The total loan disbursement from FIs to customers amounted to Nu 191.96 billion (B) as of September this year. It saw an increase of Nu 16.17B from September last year.

The credit growth had recovered after it slumped to 6.64 percent in September last year. It was the lowest recorded since the rupee shortage in 2012.

This was triggered by the pandemic that led to a weakening of economic activities, risk aversion behaviour of FIs, and delay in government spending on capital projects.




However, for the credit growth to reach the pre-pandemic level, it should be above 15 percent.
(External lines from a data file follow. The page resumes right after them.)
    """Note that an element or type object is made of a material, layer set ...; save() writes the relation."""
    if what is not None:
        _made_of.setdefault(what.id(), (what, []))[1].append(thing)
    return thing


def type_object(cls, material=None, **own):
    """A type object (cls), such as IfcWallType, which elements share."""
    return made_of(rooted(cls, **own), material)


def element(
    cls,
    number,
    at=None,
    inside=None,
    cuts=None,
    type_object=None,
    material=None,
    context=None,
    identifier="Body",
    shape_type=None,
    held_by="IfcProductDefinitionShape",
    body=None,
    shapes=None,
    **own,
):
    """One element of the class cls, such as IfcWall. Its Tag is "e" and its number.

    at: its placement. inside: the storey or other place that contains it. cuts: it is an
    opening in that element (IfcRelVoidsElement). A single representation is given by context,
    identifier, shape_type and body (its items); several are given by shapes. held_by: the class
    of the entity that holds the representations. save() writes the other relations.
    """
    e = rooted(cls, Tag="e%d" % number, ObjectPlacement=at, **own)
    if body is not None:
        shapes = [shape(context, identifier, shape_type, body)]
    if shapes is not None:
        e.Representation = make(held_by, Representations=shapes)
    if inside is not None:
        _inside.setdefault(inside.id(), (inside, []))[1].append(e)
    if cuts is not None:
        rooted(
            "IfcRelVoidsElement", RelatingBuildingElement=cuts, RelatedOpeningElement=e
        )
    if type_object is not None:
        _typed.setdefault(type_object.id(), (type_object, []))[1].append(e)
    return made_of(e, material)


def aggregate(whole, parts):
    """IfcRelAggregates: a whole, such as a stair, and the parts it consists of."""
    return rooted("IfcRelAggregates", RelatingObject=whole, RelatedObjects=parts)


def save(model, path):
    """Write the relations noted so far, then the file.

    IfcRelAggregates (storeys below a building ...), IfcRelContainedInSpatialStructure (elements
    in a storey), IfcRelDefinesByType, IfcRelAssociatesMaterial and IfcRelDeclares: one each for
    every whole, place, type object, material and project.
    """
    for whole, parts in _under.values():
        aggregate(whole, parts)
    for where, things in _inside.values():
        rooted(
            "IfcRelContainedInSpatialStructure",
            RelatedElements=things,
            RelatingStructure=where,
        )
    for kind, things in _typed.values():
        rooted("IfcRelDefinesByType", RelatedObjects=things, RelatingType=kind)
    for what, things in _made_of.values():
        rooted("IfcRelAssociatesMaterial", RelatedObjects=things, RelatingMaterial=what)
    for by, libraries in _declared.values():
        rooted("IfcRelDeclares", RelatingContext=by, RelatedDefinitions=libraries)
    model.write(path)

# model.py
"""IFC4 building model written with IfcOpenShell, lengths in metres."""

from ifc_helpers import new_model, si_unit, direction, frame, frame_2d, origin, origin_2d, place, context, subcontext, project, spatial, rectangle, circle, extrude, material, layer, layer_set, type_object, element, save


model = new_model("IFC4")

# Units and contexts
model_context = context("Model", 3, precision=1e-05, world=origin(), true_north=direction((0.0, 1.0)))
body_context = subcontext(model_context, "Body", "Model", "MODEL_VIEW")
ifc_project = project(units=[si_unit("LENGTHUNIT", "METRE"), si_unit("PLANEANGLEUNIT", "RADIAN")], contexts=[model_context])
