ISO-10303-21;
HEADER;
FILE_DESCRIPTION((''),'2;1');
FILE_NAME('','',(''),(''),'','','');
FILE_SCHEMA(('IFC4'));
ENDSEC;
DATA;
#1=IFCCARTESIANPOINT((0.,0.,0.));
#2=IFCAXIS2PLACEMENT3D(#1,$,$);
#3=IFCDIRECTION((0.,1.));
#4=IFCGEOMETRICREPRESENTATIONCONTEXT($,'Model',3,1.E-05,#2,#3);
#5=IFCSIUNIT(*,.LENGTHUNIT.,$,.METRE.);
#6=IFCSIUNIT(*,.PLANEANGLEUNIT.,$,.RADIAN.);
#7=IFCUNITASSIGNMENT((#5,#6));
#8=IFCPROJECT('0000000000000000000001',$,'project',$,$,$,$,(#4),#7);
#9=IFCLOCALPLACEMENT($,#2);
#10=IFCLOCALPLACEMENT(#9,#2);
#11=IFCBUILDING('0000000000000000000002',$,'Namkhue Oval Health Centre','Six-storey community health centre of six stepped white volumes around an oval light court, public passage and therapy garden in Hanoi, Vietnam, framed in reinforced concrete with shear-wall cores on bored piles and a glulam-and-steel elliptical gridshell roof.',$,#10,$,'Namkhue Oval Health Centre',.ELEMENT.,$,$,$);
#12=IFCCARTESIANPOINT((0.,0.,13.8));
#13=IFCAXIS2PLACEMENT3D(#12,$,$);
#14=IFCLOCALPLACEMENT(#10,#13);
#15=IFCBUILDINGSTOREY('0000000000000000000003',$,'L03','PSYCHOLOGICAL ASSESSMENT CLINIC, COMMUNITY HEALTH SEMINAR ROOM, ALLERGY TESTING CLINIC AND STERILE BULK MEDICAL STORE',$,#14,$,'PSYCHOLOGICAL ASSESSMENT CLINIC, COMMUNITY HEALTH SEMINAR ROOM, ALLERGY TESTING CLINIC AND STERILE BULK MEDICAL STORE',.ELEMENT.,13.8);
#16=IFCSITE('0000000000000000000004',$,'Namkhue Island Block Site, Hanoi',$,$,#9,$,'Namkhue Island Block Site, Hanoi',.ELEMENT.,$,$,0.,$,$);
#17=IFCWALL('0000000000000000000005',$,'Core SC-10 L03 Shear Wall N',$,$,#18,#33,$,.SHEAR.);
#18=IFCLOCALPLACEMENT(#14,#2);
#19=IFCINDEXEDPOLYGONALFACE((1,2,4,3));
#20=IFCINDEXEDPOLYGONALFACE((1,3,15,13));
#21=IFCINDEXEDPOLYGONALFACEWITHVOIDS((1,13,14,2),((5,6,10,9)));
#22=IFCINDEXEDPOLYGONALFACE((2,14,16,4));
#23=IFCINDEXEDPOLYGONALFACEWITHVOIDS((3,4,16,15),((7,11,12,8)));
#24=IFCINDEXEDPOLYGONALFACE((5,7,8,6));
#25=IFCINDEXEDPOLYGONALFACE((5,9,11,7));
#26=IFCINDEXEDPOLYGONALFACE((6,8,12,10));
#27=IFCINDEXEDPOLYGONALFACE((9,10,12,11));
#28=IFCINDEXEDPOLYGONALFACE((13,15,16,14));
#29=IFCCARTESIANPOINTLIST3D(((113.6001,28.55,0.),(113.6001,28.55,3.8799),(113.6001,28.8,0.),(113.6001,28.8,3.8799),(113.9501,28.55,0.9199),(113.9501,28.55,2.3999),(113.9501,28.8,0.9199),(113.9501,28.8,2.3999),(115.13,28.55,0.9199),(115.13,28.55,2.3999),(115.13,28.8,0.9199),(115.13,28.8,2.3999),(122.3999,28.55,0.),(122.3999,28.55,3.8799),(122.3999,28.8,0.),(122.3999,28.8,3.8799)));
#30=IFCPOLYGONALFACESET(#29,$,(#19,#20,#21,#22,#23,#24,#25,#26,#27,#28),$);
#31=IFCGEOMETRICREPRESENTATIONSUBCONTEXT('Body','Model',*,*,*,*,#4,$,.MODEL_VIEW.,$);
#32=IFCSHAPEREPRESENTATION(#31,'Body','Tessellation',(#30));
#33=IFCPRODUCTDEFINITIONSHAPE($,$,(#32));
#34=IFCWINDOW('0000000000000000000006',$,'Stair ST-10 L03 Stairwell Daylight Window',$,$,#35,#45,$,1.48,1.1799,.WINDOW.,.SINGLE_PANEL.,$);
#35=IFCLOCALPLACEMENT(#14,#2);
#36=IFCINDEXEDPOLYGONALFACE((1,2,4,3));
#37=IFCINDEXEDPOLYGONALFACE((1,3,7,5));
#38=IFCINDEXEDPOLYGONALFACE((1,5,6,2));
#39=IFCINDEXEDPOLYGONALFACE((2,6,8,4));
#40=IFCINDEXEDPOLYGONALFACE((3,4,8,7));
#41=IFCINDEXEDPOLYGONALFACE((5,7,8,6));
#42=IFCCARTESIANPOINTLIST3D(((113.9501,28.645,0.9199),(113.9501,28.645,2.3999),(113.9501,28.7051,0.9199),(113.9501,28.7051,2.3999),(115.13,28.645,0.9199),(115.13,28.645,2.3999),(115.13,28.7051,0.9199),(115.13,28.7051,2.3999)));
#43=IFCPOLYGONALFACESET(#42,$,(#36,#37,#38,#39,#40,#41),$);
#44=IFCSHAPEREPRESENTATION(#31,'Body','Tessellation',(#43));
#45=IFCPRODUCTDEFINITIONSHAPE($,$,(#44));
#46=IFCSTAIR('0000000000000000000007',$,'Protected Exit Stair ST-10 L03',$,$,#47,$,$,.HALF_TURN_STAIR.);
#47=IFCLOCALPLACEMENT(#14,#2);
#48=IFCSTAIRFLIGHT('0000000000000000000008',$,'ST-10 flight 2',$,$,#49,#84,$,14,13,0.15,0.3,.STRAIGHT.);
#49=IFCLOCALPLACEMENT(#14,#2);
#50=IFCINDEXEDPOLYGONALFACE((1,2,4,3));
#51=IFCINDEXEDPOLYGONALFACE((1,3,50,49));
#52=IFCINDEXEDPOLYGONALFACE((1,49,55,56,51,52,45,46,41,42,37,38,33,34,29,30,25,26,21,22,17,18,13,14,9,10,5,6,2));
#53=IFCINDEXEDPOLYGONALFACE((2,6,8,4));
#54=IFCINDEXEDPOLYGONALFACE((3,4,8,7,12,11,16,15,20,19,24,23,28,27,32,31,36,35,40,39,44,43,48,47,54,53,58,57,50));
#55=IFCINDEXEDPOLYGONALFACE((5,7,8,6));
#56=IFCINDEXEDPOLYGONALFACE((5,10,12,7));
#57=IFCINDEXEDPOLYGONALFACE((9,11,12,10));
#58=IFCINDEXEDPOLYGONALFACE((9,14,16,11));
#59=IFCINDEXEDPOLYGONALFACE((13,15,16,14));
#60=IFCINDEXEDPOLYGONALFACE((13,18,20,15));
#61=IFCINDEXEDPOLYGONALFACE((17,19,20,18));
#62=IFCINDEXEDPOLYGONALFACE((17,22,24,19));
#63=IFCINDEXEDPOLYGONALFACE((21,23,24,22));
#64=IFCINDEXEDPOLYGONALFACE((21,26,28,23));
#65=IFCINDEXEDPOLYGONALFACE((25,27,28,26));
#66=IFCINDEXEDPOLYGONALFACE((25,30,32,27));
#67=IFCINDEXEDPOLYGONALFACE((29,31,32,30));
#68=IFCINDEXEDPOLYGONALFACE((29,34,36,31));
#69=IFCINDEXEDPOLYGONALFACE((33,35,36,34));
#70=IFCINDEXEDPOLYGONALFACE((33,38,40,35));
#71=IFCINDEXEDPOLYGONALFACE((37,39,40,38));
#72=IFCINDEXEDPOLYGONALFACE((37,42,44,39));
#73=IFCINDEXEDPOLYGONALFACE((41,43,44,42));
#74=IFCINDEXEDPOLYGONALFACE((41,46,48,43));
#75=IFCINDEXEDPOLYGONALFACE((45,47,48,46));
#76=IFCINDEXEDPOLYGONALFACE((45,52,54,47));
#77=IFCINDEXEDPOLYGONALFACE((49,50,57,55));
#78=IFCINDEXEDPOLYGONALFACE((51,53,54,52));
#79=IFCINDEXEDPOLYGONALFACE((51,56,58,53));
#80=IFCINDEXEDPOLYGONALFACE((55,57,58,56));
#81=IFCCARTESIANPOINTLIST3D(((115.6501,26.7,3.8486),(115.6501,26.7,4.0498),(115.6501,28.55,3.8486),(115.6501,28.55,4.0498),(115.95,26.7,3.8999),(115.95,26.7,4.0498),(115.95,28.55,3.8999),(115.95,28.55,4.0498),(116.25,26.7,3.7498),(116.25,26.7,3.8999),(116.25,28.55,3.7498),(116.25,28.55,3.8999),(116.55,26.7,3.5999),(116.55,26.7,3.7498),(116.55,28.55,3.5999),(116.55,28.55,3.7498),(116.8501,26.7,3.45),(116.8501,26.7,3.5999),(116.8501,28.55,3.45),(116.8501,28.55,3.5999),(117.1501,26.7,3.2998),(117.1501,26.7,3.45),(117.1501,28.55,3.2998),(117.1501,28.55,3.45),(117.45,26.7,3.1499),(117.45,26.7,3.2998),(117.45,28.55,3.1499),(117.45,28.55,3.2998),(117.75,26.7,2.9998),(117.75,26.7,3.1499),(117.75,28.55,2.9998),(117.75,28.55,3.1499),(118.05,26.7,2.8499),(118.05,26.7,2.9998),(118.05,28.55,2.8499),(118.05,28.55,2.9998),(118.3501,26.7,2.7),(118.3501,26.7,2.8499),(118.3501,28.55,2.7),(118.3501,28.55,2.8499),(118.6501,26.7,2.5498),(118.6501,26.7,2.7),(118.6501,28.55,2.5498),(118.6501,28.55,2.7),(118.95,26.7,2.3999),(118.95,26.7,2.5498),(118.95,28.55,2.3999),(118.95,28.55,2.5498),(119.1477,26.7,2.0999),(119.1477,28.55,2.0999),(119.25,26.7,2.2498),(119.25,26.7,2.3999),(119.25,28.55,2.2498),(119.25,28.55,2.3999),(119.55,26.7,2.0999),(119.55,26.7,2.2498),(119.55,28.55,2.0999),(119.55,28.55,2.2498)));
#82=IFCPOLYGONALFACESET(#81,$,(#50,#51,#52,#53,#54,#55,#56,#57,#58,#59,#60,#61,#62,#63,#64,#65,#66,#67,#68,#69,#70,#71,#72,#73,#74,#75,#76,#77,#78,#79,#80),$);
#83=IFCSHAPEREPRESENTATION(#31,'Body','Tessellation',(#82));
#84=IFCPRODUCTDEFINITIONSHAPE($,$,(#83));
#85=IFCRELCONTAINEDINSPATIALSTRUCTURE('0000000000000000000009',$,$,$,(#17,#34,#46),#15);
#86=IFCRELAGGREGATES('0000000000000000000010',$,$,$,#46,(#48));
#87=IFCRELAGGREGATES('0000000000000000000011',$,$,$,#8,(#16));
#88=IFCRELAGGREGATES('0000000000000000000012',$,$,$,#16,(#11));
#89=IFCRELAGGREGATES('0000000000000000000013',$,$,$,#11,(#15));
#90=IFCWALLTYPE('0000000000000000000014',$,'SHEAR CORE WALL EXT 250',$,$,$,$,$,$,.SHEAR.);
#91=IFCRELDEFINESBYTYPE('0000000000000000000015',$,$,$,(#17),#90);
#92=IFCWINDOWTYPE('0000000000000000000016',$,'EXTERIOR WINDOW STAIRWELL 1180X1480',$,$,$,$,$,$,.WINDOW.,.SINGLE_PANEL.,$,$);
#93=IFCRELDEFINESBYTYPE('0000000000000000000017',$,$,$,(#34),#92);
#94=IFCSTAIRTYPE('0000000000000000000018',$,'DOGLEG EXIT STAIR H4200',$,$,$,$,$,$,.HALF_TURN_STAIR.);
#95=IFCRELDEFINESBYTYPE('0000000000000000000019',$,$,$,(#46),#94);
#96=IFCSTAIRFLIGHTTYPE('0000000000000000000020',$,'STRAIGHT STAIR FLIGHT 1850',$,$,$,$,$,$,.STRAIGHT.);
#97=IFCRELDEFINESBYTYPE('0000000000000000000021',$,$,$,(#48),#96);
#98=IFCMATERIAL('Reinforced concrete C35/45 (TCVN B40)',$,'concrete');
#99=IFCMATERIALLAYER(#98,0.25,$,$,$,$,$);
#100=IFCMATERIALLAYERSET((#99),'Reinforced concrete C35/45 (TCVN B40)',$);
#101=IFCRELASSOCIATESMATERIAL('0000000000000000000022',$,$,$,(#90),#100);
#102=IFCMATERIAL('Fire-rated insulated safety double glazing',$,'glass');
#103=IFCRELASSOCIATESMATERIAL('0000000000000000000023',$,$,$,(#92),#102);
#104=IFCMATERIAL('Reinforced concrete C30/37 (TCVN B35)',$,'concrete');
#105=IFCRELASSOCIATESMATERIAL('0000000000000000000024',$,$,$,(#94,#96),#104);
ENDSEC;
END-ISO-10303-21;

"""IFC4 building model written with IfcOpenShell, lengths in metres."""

from ifc_helpers import new_model, si_unit, direction, frame, frame_2d, origin, place, context, subcontext, project, spatial, polyline, rectangle, outline, extrude, material, layer, layer_set, type_object, element, fill, aggregate, save


model = new_model("IFC4")

# Units and contexts
model_context = context("Model", 3, precision=1e-05, world=origin(), true_north=direction((0.0, 1.0)))
body_context = subcontext(model_context, "Body", "Model", "MODEL_VIEW")
ifc_project = project(units=[si_unit("LENGTHUNIT", "METRE"), si_unit("PLANEANGLEUNIT", "RADIAN")], contexts=[model_context])

# Site, building, storey
site_placement = place(None, origin())
site = spatial("IfcSite", under=ifc_project, at=site_placement, Name="Namkhue Island Block Site, Hanoi", LongName="Namkhue Island Block Site, Hanoi", CompositionType="ELEMENT", RefElevation=0.0)
building_placement = place(site_placement, origin())
building = spatial("IfcBuilding", under=site, at=building_placement, Name="Namkhue Oval Health Centre", Description="Six-storey community health centre of six stepped white volumes around an oval light court, public passage and therapy garden in Hanoi, Vietnam, framed in reinforced concrete with shear-wall cores on bored piles and a glulam-and-steel elliptical gridshell roof.", LongName="Namkhue Oval Health Centre", CompositionType="ELEMENT")
storey_placement = place(building_placement, frame((0.0, 0.0, 13.8)))
storey = spatial("IfcBuildingStorey", under=building, at=storey_placement, Name="L03", Description="PSYCHOLOGICAL ASSESSMENT CLINIC, COMMUNITY HEALTH SEMINAR ROOM, ALLERGY TESTING CLINIC AND STERILE BULK MEDICAL STORE", LongName="PSYCHOLOGICAL ASSESSMENT CLINIC, COMMUNITY HEALTH SEMINAR ROOM, ALLERGY TESTING CLINIC AND STERILE BULK MEDICAL STORE", CompositionType="ELEMENT", Elevation=13.8)

# Shared definitions
ifc_material_1 = material(Name="Reinforced concrete C35/45 (TCVN B40)", Category="concrete")

# Shared definitions
ifc_layer_1 = layer(ifc_material_1, 0.25)
ifc_layer_set_1 = layer_set([ifc_layer_1], Name="Reinforced concrete C35/45 (TCVN B40)")
wall_type_1 = type_object("IfcWallType", Name="SHEAR CORE WALL EXT 250", PredefinedType="SHEAR", material=ifc_layer_set_1)

# Wall, opening, window
wall_1_placement = place(storey_placement, frame((122.3999, 28.675, 0.0), z_axis=(0.0, 0.0, 1.0), x_axis=(-1.0, 0.0, 0.0)))
wall_1 = element("IfcWall", 1, at=wall_1_placement, inside=storey, type_object=wall_type_1, Name="Core SC-10 L03 Shear Wall N", PredefinedType="SHEAR", context=body_context, shape_type="SweptSolid", body=[
    extrude(rectangle(XDim=8.7998, YDim=0.25, at=frame_2d((4.3999, 0.0))), origin(), (0.0, 0.0, 1.0), 3.8799),
])
opening_placement = place(wall_1_placement, frame((7.27, 0.0, 0.9199)))
opening = element("IfcOpeningElement", 2, at=opening_placement, cuts=wall_1, PredefinedType="OPENING", context=body_context, shape_type="SweptSolid", body=[
    extrude(rectangle(XDim=1.1799, YDim=1.48, at=frame_2d((0.5898, 0.74))), frame((0.0, 0.135, 0.0), z_axis=(0.0, -1.0, 0.0), x_axis=(1.0, 0.0, 0.0)), (0.0, 0.0, 1.0), 0.27),
])
ifc_material_2 = material(Name="Fire-rated insulated safety double glazing", Category="glass")
window_type = type_object("IfcWindowType", Name="EXTERIOR WINDOW STAIRWELL 1180X1480", PartitioningType="SINGLE_PANEL", PredefinedType="WINDOW", material=ifc_material_2)
window_placement = place(opening_placement, origin())
window = element("IfcWindow", 3, at=window_placement, inside=storey, type_object=window_type, Name="Stair ST-10 L03 Stairwell Daylight Window", OverallHeight=1.48, OverallWidth=1.1799, PartitioningType="SINGLE_PANEL", PredefinedType="WINDOW", context=body_context, shape_type="SweptSolid", body=[
    extrude(rectangle(XDim=1.1799, YDim=1.48, at=frame_2d((0.5898, 0.74))), frame((0.0, 0.03, 0.0), z_axis=(0.0, -1.0, 0.0), x_axis=(1.0, 0.0, 0.0)), (0.0, 0.0, 1.0), 0.0601),
])
fill(opening, window)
Credit growth is good for an economy because FI’s credit growth signals an economic recovery.

More credit means consumers can borrow and spend more for housing, education, consumer durables, vehicles and other personal expenses. And enterprises can borrow and invest more.

The finance ministry projected an economic growth rate of 4.95 percent this year after recording a growth rate of 4.09 percent in 2021. The economic growth dipped to -10.01 percent in 2020 because of the pandemic.

Breaking into the economic sectors, loans disbursed to the housing sector, which accounted for 27 percent of the total loan, were recorded at Nu 51.83B. It is an increase of Nu 6.3B.




The service and tourism credit at Nu 55.6B, which was severely impacted by the pandemic, saw a growth of about 12 percent. This sector accounted for 28 percent of the total loans.

There has also been growth in education loans by over 50 percent to Nu 10.25B from Nu 6.76B.

Credit to the transport sector increased by 43.23 percent to Nu 9.98B because of the demand for passenger cars.

To save the country’s dwindling foreign currency reserves, the government suspended the import of select vehicles from August this year. This could save the government about Nu 5B annually.

However, credit to trade and commerce was contracted by Nu 3.74B to Nu 16.39B. The loans to the production and manufacturing sector declined to Nu 20.66B, a decrease of Nu 1.41B.

Similarly, agriculture credit saw a decrease at Nu 5.61B from Nu 6.65B.






An economist said that more than 60 percent of the sectoral loans comprise import and consumption loans, which are not much help for economic growth.

Being an import-dependent country, more flow of money in the economy would result in further widening the country’s trade deficit.

The country’s trade deficit, including electricity, has been widening over the years. At Nu 48.14B, the trade deficit as of September this year was more than the value of export of Nu 44.9B. It saw an increase of Nu 15.9B from the previous year.

This could pose a threat to already dwindling foreign currency reserves. The total foreign currency reserves have decreased by over 40 percent to USD 729.7 million (M) as of September this year from USD 1.29B in the same month last year.




Bhutan’s total reserves can only meet 13.11 months of essential imports, more than a month’s reserve mandated by the Constitution of 12 months.